4. Data ownership will become the new competitive moat
Right now, primary platforms lose enormous behavioural insight during the post-purchase journey:
- why fans list
- when they list
- how pricing shifts
- who buys late
- which events show volatility
- which venues create more resale activity
- which artists drive early commitment vs late switching
This data is gold. But most of it escapes to external ecosystems, never returning to the platform or event owner.
In 2026, successful platforms will be those that keep that data in-house and use it to:
- set smarter pricing policies
- improve recommendations
- predict churn
- design more efficient fee strategies
- support promoters with real intelligence
- build loyalty rooted in behaviour, not in points
Data is the new margin. The next cycle will belong to those who own it.

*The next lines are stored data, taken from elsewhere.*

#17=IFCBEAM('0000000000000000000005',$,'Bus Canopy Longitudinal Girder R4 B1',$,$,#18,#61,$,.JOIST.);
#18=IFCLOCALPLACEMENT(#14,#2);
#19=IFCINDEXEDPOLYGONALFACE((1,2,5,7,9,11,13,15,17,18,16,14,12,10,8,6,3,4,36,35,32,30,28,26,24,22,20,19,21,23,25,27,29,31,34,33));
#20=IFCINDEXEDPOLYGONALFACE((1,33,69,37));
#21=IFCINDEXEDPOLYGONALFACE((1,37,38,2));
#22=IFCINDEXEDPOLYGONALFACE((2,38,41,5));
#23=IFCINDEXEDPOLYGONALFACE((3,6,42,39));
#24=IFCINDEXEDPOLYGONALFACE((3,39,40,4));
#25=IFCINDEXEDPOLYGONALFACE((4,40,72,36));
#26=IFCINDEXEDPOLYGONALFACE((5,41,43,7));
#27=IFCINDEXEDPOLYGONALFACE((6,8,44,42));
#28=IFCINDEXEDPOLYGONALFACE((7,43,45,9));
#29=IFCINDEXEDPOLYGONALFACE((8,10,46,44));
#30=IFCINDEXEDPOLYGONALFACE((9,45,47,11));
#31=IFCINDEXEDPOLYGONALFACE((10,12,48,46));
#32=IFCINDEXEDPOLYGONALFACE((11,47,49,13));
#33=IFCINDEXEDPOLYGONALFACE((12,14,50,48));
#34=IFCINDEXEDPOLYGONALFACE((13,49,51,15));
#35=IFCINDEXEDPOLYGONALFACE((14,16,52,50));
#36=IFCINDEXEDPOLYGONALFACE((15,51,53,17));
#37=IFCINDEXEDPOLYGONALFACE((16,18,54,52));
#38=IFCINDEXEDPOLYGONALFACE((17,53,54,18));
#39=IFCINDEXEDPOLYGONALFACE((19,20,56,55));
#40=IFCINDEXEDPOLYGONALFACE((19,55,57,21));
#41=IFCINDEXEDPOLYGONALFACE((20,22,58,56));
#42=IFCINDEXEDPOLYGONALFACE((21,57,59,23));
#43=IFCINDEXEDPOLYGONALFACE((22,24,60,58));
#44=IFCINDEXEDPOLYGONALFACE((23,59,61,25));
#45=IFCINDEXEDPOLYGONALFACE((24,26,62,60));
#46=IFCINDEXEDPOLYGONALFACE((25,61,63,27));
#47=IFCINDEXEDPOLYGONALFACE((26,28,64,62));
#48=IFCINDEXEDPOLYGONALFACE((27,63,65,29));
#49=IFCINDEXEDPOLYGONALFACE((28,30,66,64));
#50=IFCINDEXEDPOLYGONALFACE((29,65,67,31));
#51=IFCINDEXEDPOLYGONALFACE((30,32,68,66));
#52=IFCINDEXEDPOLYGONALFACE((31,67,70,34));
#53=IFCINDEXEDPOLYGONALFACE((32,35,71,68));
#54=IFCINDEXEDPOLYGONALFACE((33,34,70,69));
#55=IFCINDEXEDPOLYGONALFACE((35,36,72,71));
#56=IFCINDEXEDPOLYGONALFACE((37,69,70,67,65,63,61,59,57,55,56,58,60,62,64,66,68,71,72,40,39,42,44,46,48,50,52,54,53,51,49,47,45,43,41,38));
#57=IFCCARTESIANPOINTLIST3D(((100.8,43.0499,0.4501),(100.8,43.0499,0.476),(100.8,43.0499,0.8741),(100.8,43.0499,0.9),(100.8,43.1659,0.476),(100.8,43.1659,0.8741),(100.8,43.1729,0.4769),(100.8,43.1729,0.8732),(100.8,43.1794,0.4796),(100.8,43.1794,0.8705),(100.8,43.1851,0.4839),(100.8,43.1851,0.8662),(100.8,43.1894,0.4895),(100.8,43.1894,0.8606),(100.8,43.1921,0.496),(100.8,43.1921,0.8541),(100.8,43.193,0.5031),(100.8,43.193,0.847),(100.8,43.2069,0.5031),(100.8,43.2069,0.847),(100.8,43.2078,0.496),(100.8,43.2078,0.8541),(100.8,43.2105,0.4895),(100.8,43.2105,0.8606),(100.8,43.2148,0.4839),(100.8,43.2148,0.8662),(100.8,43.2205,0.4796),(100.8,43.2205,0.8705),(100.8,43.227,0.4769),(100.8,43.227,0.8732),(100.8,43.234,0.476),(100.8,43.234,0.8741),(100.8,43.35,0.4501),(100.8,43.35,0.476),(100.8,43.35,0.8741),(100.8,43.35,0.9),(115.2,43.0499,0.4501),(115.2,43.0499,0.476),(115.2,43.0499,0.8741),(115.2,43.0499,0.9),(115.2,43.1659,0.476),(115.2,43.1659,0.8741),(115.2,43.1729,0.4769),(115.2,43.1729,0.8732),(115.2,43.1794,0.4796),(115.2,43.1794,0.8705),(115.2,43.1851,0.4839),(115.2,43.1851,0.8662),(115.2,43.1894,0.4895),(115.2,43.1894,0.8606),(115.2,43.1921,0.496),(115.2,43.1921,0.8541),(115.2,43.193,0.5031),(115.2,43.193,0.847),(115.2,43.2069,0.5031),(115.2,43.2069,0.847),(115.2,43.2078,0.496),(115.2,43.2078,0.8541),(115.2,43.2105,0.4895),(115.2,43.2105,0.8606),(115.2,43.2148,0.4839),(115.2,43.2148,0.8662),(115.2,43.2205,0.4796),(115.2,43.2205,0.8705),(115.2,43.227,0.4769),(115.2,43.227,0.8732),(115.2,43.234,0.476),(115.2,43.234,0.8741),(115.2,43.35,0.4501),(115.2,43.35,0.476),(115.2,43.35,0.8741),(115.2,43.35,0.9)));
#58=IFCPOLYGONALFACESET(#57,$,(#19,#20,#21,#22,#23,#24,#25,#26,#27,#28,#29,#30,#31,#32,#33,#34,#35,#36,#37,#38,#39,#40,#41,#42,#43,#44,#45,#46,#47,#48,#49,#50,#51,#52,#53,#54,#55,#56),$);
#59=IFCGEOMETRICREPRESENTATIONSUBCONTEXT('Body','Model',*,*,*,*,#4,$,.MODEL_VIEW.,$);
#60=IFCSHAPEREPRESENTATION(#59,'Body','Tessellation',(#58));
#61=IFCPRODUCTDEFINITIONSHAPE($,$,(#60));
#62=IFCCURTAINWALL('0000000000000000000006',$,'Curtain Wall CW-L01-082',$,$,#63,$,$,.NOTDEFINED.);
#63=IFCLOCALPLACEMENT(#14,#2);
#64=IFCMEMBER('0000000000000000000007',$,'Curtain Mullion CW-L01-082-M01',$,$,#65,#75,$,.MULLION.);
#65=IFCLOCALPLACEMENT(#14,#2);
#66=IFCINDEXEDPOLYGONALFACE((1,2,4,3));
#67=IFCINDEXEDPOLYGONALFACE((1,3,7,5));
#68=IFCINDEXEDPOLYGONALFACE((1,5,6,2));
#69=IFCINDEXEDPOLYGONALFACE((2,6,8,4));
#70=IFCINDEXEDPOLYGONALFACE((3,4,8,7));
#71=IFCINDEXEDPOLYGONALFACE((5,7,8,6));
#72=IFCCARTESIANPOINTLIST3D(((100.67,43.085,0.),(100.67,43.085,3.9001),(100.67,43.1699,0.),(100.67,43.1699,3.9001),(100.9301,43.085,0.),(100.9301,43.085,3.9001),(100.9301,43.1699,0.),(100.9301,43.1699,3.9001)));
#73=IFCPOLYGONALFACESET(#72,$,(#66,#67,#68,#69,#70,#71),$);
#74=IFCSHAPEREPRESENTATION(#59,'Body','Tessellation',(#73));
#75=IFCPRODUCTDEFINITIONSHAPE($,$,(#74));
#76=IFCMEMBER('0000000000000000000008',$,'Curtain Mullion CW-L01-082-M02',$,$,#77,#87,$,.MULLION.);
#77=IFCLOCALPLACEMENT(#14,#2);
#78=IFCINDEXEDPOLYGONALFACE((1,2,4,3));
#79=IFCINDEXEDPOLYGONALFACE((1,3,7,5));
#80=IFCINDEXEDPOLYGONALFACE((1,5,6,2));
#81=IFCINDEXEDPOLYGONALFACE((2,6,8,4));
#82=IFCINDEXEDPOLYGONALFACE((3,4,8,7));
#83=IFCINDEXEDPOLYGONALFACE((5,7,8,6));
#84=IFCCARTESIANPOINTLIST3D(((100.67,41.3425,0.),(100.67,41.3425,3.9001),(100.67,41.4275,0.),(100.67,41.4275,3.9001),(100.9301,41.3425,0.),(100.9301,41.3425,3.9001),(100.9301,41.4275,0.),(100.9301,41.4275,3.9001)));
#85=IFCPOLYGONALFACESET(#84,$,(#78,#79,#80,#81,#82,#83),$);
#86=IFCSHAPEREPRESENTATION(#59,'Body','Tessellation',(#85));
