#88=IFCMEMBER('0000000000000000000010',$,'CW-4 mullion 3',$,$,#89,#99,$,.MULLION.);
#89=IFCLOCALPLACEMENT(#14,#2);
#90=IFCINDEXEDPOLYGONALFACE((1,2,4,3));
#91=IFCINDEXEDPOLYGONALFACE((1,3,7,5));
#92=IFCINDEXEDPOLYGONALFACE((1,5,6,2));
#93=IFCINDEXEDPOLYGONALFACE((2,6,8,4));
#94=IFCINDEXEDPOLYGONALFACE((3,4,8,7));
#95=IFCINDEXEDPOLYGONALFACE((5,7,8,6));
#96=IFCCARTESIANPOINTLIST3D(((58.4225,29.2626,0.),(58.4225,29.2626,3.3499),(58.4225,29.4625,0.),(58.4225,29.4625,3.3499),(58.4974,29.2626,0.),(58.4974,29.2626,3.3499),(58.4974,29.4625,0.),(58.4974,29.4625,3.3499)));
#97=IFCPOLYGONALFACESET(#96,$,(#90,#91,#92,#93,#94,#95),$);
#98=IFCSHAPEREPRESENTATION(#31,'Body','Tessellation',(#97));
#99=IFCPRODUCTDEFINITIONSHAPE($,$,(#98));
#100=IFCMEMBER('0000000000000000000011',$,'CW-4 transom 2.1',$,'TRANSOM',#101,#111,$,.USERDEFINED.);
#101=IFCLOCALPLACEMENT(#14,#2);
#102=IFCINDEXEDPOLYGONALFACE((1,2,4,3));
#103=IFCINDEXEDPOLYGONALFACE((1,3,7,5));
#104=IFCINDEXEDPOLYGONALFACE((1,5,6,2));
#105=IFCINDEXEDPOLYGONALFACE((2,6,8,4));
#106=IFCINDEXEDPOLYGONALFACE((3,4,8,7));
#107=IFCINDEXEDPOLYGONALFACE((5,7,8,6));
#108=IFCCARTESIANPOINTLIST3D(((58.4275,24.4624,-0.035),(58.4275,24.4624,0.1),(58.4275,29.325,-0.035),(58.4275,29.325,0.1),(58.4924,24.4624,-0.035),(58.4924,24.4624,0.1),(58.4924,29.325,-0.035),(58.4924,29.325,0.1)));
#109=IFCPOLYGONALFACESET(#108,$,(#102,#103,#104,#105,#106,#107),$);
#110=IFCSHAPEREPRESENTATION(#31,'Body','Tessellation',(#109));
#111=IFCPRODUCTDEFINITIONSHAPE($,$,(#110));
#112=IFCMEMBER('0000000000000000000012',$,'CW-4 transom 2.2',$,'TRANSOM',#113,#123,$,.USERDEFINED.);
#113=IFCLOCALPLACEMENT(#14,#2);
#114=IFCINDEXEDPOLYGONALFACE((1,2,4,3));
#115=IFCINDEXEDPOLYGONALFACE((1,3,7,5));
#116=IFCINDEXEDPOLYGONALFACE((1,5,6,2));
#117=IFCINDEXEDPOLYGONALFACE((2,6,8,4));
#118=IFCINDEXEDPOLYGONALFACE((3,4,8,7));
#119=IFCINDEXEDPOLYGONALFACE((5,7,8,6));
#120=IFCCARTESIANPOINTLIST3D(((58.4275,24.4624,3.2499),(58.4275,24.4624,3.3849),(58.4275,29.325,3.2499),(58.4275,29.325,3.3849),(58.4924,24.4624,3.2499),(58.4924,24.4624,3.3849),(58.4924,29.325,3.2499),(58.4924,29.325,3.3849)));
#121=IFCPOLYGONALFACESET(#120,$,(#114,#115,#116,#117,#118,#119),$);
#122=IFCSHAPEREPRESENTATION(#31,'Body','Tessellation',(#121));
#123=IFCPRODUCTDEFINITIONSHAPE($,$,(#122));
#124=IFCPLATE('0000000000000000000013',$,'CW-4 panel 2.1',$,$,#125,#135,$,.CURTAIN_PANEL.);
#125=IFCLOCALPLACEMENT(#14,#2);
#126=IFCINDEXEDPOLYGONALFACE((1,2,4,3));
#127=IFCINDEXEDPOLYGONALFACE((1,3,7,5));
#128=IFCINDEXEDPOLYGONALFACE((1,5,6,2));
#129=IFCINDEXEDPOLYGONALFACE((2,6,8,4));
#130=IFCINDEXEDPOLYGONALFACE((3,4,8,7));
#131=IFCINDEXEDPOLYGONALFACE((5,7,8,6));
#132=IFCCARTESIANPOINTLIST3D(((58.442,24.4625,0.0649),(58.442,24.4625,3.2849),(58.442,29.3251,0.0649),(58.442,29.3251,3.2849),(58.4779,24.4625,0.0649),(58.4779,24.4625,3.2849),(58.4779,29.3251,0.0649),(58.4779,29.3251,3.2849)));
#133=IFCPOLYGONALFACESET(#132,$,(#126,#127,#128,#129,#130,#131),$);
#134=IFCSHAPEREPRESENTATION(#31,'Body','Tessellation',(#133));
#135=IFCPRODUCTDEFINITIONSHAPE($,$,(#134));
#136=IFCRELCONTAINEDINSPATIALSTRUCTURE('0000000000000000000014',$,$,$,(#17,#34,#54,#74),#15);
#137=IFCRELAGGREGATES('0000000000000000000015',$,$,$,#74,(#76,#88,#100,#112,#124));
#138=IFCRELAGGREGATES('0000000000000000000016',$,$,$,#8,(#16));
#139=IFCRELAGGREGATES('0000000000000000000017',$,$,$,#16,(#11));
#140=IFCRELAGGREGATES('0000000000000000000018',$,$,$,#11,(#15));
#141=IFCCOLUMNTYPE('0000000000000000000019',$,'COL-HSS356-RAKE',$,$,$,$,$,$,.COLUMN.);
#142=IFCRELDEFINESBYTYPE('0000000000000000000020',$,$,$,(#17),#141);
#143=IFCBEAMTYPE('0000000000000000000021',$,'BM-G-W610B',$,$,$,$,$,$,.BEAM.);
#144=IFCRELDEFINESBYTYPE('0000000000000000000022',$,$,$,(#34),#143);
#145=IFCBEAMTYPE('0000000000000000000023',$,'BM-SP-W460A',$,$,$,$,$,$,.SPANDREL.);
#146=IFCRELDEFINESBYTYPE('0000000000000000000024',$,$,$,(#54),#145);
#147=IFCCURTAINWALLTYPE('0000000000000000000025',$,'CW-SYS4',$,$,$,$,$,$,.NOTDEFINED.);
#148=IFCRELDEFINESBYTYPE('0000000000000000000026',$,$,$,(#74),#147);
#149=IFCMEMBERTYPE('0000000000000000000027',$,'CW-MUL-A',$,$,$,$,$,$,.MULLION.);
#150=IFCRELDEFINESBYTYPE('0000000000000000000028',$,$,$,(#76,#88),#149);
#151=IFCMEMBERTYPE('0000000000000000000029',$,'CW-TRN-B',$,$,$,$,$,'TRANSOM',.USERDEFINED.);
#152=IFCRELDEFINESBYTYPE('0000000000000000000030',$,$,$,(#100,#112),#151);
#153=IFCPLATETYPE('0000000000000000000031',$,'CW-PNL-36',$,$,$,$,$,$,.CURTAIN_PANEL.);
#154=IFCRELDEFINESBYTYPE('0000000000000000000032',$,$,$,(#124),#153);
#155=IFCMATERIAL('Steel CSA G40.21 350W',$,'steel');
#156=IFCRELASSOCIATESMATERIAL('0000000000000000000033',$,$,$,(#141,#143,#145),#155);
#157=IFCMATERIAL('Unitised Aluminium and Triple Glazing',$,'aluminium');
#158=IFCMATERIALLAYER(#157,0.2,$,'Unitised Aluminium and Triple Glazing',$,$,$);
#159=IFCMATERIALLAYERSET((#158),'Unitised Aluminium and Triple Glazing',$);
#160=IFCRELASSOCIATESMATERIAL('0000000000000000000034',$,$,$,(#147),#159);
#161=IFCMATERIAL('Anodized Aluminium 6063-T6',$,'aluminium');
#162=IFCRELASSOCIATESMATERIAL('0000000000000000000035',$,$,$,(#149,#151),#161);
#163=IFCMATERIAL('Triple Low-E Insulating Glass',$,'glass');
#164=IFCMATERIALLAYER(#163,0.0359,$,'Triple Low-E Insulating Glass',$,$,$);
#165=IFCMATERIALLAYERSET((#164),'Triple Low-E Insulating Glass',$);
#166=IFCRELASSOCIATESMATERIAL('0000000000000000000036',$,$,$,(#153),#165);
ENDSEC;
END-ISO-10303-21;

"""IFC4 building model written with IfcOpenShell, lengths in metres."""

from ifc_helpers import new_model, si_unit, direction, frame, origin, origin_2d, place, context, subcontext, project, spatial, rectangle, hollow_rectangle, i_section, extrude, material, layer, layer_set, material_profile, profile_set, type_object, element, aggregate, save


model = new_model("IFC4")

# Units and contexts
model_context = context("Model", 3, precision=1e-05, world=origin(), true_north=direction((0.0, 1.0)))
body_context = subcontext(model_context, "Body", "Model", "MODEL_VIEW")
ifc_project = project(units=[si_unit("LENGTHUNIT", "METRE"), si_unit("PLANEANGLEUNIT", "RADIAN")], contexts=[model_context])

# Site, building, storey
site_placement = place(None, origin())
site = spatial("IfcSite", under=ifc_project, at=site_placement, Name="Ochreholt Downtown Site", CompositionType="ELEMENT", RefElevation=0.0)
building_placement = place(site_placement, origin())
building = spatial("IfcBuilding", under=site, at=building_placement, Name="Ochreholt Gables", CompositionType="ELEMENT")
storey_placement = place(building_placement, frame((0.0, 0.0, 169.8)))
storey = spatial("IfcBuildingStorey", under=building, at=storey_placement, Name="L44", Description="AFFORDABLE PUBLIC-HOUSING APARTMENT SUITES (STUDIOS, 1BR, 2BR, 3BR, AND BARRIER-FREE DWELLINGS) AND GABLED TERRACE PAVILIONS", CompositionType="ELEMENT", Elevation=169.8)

5. The industry will move from “features” to “infrastructure”
The last era of ticketing was about adding features: embedded wallets, crypto, seat selection upgrades, virtual queues, mobile transfer, insurance, memberships.
The new era is different.
It’s about the systems that allow features to exist without breaking:
- rules engines
- payout orchestration
- tax and compliance consistency
- visibility logic
- dynamic liquidity
- lifecycle identity
- internal marketplaces
- cross-event discovery
- promoter-level governance
To quote Iñaki once more:
“The future is not who builds the most buttons.
It’s who builds the foundation where buttons actually work.”
This is exactly why resale, done internally, natively, under the primary brandisn’t a “feature.” It’s an infrastructure requirement.
What this means for product leaders heading into 2026
If you lead product, engineering or strategy inside a ticketing company, the next 12 months will require clarity around three questions:
1. Which parts of the ticket lifecycle do we want to own?
Because if you don’t own them, someone else will.
2. What infrastructure are we missing?
Not features, foundation.
3. Where can we create continuous value, not one-time value?
This is the question that separates the next category leaders from everyone else.
Where menta tech fits in (without selling)
menta exists because we spent years inside ticketing systems across continents and saw a common truth:
Platforms didn’t need “a resale feature.”They needed infrastructure that could support the entire lifecycle reliably, at scale, under their brand.
So we built:
- a Rules Engine
- an Operations Engine
- a Profit Engine
- all white-label
- all API-first
- all designed for multi-touch architectures
But this newsletter isn’t about us. It’s about the future we’re all walking into.
Closing: 2026 will mark the beginning of the infrastructure decade
Ticketing is maturing. The next leaders will be the ones who make the invisible visible:
complexity, liquidity, behaviour, multi-touch journeys.
The era of the one-time ticket is ending. The era of the continuous value platform is beginning.
And those who build for the full lifecycle, not just the first conversion, will shape the next decade of this industry.